# question about formeron



## sofargone561 (Apr 5, 2012)

Im pretty sure this is in the right section lol.

Anyway, lets say one has a rather large cycle with higher doses of test and a few other compounds, and that cycle was set up to have caber and adex run on cycle and clomid and aromasin run during PCT. If that person ran Formeron on cycle and during PCT would that person still need caber and adex or no? would they maybe still need caber but not adex? From what im reading Formeron is the shit. So i was thinking if it was run at the max recomended dose everyday during cycle and PCT you would not need any other AI or anything correct? I dont know shit about it as of right now except for that it seems to be the only thing on the market thats legit and nit fucking bunk


----------



## OrbitNutrition (Apr 5, 2012)

IMO nothing else would be needed...it did the job for me on some potent stuff.


----------



## Riles (Apr 5, 2012)

I understand Formeron works in place of adex and aromasin but are we to believe that it will take the place of caber and clomid too?


----------



## sofargone561 (Apr 5, 2012)

Riles said:


> I understand Formeron works in place of adex and aromasin but are we to believe that it will take the place of caber and clomid too?

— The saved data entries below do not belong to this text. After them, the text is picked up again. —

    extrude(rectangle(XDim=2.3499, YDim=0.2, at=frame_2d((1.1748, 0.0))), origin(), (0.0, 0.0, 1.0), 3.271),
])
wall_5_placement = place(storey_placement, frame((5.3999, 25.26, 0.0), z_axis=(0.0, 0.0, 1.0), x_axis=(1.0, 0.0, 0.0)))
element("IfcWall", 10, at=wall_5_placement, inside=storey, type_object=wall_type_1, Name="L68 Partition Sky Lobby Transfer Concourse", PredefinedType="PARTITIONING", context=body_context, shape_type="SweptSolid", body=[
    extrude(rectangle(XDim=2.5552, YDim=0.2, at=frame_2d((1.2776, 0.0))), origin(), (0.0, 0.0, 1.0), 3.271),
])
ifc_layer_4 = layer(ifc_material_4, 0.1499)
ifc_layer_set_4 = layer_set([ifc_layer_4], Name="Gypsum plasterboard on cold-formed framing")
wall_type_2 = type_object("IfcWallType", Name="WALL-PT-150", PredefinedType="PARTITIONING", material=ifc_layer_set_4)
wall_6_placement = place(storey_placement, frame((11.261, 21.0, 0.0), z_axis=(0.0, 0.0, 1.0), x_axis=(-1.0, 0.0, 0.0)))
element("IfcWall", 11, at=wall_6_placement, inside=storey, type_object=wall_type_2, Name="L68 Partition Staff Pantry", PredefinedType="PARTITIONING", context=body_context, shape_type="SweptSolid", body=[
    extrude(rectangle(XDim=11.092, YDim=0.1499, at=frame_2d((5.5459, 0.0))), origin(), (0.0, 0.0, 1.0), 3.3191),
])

no, no, i knew it took place of aromasin, i was asking if it took place of caber and adex too. I assume it takes place od adex as well as aromasin but i dont think it would take the place of caber.  i know it doesnt take place clomid. Im not sure if my first post made any sense, i am fucking exhuasted and working a god damn grave yard shift tonight. does that clear it up?


----------



## sofargone561 (Apr 5, 2012)

OrbitNutrition said:


> IMO nothing else would be needed...it did the job for me on some potent stuff.



when will you guys be back in stock??? i need 10 bottles!!!!

btw thank you!


----------



## Riles (Apr 5, 2012)

sofargone561 said:


> no, no, i knew it took place of aromasin, i was asking if it took place of caber and adex too. I assume it takes place od adex as well as aromasin but i dont think it would take the place of caber.  i know it doesnt take place clomid. Im not sure if my first post made any sense, i am fucking exhuasted and working a god damn grave yard shift tonight. does that clear it up?



Sorry about that, I understood what you were asking.



OrbitNutrition said:


> IMO nothing else would be needed...it did the job for me on some potent stuff.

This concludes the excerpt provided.